Approach
I went on a bike tour mountaineering trip with my new friends Terry and Kyle to Mt. Jefferson. I've been itching to climb something more technical and this fit the bill, along with the added adventure/coolness of biking there & back. I spent at least half a day going over food lists, packing and repacking gear and food. Perhaps it was training for Denali in two years. The rules stated we had to carry everything for the climb with us, no using outside help for schelping food or supplies. [This rule was slightly bent when we accepted cheese, water and maybe a spare 16" tire from Terry and Kyle's ladies].
We delayed our start by 12 hours to avoid the un-Oregon-like thunder and lightning, so instead of a 6pm shoveoff Thursday, we got a 4am stumbleoff on Friday. We stopped for a while on the Springwater to wait as the storms passed us to the North. We then booked it the ~90 miles to the trailhead. The route was quite pretty, going along the Clackamas (and over a few more passes than we liked), ending up at a 8 mile downhill to the turnoff for the trailhead.
After hiding our food and bikes out in the forest (away from gnomes and yeti), we shouldered our 50 pound packs and hustled up into the forest for base camp. The plan was to make it to the lakes at Jeff Park, but we fell a few miles short when it got dark and we had lost the trail under six feet of snow.
On Saturday we slept in and moseyed our way over to the lakes to make a proper camp. We had time to eat our tasty dehydrated meals, trading Trader Joes carmel corn for cheese. Kyle, having ridden on his tricksy 16" folding bike, decided to not climb as he was spent from the bike ride, which left Terry being stuck with me for the climb. Luckily he was a good sport and was game.
Climb
We got up at 2am to ensure we got to the bergshrunds before it was too warm and the bridges melted out. There were a few routefinding issues and we went through extra scree fields but we got to the main glacier right in time for the sky to lighten up so we could avoid the crevasses. It was perfect timing.
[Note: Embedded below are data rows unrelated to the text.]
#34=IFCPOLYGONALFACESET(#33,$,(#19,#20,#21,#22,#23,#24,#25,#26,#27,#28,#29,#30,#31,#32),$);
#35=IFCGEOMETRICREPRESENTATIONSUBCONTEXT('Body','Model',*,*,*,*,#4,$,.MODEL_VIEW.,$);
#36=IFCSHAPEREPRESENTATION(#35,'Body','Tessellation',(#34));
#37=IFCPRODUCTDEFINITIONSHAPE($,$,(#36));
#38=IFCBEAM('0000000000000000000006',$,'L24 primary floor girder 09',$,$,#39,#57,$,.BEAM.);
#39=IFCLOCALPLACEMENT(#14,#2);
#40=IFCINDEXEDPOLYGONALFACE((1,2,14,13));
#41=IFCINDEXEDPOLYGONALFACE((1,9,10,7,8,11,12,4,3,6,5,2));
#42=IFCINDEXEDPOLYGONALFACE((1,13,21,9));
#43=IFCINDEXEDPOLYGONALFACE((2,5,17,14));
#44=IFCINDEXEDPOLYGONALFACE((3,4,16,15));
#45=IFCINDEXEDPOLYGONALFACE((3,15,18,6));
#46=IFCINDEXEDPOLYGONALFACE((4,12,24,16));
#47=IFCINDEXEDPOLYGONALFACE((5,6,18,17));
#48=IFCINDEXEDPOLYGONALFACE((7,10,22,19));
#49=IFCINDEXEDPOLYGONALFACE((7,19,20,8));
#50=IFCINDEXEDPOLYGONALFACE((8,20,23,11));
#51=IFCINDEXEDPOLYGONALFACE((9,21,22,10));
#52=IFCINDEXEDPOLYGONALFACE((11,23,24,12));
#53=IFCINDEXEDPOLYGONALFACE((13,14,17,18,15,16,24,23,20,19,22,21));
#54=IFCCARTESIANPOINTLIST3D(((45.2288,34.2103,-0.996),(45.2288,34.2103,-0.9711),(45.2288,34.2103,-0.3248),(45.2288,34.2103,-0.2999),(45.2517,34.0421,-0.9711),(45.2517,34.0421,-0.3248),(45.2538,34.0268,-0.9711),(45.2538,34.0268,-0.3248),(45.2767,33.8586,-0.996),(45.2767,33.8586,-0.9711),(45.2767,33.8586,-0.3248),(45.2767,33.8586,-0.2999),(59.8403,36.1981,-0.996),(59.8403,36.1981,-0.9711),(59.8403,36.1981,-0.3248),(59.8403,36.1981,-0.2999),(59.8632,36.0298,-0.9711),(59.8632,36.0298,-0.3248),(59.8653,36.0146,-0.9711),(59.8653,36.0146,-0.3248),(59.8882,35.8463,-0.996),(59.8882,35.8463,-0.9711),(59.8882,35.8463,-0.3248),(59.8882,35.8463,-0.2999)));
The snow was in great condition and we breezed up through both of the bergshrunds, lining up with what we thought were climbers tracks but were really yeti steps. Each step was at least twice as long in stride as ours, which logic dictates is the illusive Northwest Bigfoot. No joke, we took two steps for each of these footprints, clove print and all, perhaps they yeti was wearing cloven hoof shoes to throw people off.
After the glacier we hit the Knife Edge Ridge, which was a low fifth class rock climb. Terry let me lead this and we simul-climbed until we got to the next snowfields. It was exciting climbing in mountaineering boots at 10,000 feet with decent exposure. Luckily no one saw me use the hands and knees technique to get across the two foot wide sections.
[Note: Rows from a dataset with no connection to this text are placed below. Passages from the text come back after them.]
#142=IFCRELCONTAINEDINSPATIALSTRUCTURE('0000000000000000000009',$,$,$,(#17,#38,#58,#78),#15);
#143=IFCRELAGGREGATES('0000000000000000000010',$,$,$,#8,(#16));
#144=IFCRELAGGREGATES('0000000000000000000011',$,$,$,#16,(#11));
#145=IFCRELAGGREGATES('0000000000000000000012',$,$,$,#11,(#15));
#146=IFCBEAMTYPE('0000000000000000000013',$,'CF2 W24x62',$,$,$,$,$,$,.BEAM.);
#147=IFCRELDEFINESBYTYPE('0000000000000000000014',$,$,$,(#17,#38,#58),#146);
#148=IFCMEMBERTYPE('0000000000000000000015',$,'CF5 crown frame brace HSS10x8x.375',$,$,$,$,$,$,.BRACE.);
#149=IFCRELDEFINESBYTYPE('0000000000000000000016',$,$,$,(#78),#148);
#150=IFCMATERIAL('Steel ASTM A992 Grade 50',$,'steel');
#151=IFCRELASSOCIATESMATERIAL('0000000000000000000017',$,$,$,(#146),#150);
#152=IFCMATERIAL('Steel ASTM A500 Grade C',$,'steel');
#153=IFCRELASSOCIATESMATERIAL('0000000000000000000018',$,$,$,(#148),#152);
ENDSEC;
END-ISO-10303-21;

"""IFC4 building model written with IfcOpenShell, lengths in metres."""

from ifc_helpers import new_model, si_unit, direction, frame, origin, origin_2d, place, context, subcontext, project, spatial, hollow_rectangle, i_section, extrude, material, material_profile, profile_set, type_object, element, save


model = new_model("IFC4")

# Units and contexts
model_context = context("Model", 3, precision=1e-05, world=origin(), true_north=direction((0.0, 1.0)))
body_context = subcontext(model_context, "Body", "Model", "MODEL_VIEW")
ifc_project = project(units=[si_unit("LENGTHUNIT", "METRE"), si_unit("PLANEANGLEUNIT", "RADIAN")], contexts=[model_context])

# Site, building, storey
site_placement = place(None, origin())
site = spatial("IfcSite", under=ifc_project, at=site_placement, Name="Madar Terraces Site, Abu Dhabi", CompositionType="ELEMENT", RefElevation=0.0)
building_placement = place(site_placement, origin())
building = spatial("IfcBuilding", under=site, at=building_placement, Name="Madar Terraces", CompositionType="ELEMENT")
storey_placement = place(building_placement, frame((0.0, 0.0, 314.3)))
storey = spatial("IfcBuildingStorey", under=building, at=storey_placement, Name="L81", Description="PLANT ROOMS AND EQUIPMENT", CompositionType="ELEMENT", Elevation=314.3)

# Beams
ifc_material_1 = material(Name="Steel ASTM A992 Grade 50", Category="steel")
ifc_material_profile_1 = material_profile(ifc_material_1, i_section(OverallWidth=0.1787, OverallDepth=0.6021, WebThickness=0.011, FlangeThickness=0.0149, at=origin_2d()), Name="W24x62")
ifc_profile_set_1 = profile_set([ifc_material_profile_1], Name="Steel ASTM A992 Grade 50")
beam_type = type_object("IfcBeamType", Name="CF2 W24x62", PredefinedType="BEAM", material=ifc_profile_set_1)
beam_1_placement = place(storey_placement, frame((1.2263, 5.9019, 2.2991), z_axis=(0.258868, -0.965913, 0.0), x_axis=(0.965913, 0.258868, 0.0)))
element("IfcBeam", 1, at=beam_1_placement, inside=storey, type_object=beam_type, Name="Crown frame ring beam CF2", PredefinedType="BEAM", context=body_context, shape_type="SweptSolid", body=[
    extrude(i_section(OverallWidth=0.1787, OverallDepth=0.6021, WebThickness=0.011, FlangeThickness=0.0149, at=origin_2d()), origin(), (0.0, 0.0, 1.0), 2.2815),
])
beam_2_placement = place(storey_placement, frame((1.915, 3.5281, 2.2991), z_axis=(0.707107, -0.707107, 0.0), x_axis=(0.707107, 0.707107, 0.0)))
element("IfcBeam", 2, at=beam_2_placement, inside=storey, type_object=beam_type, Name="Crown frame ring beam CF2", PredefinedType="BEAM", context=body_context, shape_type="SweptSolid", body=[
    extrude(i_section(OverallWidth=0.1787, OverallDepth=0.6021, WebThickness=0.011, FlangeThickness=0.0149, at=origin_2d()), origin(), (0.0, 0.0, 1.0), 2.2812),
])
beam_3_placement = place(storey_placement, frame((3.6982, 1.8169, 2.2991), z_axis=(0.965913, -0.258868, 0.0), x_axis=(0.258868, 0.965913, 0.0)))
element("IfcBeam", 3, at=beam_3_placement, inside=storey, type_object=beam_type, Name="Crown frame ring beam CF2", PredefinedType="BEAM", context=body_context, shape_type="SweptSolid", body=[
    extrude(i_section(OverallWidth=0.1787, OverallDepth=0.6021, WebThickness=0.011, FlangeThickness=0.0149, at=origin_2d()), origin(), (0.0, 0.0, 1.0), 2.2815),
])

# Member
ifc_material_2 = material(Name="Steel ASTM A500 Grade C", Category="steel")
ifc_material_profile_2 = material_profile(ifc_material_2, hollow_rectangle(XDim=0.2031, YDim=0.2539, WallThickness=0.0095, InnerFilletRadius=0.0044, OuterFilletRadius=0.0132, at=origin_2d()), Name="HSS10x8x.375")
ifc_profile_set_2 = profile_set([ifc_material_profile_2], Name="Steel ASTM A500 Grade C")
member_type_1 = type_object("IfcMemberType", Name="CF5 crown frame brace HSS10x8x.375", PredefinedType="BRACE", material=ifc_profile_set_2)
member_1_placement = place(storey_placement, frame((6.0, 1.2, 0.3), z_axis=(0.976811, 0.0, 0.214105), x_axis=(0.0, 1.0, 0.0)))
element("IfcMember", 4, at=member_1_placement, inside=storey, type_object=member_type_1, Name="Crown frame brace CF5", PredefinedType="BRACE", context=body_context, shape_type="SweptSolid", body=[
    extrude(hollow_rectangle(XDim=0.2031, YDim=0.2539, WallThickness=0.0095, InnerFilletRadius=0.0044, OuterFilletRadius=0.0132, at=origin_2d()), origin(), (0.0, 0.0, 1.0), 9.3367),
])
We hustled over to the pinnacle to finish off the climb properly. This was more fifth class climbing, which the book says is 5.1 and really felt like 5.8, with suprisingly good rock and stances. Terry signed us into the register and we shared a german chocolate candy while gazing at the other mountains around us. We rapped down to our packs and heading back to the North. We ran into a friend of Terry's, who told us the Red Saddle was a safer bet for the descent. Though the fields below us to the East looked OK, we took him at his word and headed back South to the saddle to do some downclimbing.
We lucked out to have gotten the beta as the route we intended on rapping and downclimbing was horrendous. We probably would've ended up rapping off of pickets and leaving some gear and the rope behind. But we went the smart route and trudged across a few glaciers over to our descent chute back to camp. We got awesome clouds swooping by as we got closer to camp.
We got back to camp at 4pm, 14 hours after leaving the toasty warm tents and sleeping bags for the snow. Kyle was whooping as we came into camp, providing us with some whiskey to help offset dehydration. As the clouds were coming in and the temperature was dropping, we quickly ate some food, packed up and headed down to the bikes at the trailhead.
Ride Home
After a good nights sleep at the trail head we took our time drying out gear, repacking it, fixing bike issues and eating. As there are only so many alpine starts in a person, we left camp around 10 to head for home.
After the initial climb from Hades, the majority of our ride home was slightly downhill, allowing us to average almost 14 miles and hour. At the ranger station a local was intrigued by Kyle's funky bike and started chatting with im, in the process telling us of a road that went around our last major hill, saving us a thousand feet of climbing. We definetely owe him a beer!
Once we hit the Springwater Corridor, Terry bought a can of beer for us to share, which anesthetized some of our pains.